The Significance of Crystallographic Texture in Dry Etching of Titanium to Engineer Bioinspired Nanostructured Bactericidal Surfaces

Titanium is the prevalent material of choice for metallic implantable devices. However, post-operative bacterial infections remain a major cause of implant failure. Mechanobactericidal surfaces have garnered much attention due to their ability to neutralize bacteria, via physical forces and interactions instead of traditional chemical routes. In this work, the texture of titanium substrates was modified via cold rolling, hot rolling, and annealing treatments, and the resultant crystallographic textures were characterized. Subsequently, nanoscale topographies were generated on the substrates via maskless plasma etching. The results indicated the subtle differences in the topographies of substrates with different textures being critical factors affecting the etching process.

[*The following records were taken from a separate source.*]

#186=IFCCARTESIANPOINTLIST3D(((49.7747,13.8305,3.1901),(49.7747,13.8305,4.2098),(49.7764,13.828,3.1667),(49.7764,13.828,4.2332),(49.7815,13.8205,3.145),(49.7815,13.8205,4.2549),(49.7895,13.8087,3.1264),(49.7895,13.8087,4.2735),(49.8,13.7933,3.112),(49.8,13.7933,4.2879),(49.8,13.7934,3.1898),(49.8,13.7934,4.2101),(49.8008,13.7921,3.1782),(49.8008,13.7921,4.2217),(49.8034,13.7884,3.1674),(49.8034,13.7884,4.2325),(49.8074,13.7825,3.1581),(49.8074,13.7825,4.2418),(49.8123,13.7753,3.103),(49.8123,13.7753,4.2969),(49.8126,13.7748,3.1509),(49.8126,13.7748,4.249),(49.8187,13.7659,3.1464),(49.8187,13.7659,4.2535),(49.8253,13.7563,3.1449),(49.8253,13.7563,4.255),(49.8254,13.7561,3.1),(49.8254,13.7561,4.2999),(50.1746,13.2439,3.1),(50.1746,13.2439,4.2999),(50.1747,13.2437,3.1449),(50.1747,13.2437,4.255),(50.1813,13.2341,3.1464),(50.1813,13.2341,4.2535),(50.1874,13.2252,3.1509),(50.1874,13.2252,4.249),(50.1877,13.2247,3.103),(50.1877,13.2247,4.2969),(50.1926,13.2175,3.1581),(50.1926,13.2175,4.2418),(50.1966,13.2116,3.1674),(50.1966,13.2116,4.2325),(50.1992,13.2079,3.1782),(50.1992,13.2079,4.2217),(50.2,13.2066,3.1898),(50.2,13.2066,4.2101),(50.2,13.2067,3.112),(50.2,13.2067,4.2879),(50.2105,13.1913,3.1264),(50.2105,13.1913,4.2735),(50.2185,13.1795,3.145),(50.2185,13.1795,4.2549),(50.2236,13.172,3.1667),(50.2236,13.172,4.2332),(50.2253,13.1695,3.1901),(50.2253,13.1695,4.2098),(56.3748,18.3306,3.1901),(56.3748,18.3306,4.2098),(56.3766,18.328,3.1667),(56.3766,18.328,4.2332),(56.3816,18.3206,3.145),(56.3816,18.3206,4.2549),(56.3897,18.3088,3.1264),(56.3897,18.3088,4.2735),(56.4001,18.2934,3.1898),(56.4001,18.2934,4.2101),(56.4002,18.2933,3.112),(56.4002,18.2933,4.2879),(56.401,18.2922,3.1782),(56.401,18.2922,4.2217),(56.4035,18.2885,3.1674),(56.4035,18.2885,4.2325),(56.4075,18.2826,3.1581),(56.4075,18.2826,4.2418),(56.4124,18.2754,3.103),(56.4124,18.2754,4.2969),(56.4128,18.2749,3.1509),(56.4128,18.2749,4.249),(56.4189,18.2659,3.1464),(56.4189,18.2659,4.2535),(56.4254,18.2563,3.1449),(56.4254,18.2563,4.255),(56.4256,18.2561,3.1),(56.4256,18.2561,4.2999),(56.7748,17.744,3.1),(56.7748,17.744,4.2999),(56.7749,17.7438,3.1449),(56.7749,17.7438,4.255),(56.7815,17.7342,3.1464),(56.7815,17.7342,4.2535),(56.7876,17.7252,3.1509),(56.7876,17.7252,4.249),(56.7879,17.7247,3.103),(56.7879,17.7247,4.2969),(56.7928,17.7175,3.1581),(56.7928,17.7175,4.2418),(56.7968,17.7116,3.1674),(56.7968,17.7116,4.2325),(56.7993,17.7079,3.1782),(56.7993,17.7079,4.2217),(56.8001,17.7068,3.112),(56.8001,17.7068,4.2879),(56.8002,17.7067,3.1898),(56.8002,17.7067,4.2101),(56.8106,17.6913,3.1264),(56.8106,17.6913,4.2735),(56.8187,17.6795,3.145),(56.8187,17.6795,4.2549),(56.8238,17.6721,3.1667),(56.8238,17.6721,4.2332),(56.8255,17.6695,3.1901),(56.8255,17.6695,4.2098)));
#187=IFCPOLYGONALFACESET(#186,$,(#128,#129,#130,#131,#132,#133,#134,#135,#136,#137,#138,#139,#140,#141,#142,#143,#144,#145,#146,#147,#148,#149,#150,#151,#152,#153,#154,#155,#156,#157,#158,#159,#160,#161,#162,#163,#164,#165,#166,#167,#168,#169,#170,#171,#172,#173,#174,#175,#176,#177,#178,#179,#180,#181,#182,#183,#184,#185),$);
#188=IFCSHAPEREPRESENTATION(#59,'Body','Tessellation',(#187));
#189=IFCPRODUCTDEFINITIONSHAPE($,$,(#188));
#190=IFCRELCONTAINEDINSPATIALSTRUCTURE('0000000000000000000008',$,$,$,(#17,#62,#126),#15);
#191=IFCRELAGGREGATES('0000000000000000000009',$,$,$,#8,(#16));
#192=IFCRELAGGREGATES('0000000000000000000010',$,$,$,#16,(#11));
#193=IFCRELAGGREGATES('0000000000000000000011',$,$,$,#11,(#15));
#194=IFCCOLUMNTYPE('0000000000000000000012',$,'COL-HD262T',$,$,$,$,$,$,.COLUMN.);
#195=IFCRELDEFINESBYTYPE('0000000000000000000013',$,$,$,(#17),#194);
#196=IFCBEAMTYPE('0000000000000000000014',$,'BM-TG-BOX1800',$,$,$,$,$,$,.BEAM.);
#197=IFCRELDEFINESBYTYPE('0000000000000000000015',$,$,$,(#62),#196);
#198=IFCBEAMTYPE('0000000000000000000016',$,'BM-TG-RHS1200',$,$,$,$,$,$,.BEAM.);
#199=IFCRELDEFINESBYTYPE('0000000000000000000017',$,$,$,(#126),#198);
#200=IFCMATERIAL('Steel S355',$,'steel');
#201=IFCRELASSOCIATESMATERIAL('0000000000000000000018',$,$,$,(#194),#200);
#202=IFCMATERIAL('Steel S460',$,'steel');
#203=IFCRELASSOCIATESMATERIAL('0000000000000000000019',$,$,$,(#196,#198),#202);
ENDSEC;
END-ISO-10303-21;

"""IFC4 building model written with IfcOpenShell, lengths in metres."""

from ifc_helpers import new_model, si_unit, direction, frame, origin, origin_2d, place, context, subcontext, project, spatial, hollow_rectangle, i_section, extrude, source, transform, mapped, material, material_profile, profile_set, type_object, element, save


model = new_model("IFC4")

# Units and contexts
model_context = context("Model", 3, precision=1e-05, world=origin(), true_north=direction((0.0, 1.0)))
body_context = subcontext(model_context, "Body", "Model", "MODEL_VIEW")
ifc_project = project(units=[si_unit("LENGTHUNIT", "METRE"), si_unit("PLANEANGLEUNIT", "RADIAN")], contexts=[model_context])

All the substrates were then assessed for bactericidal activity against P. aeruginosa and S. aureus bacteria, with killing efficiencies reaching up to 50% for P. aeruginosa. The nanostructures were ineffective against S. aureus due to the presence of a thick peptidoglycan layer in their cell walls. Detailed statistical analysis showed that, in the case of P. aeruginosa, texture plays a significant role in determining the killing efficiency, due to its subtle effects on the etching process and consequently nanostructure dimensions. The results of this study emphasize the importance of material processing in the engineering and development of the next generation of mechanobactericidal surfaces.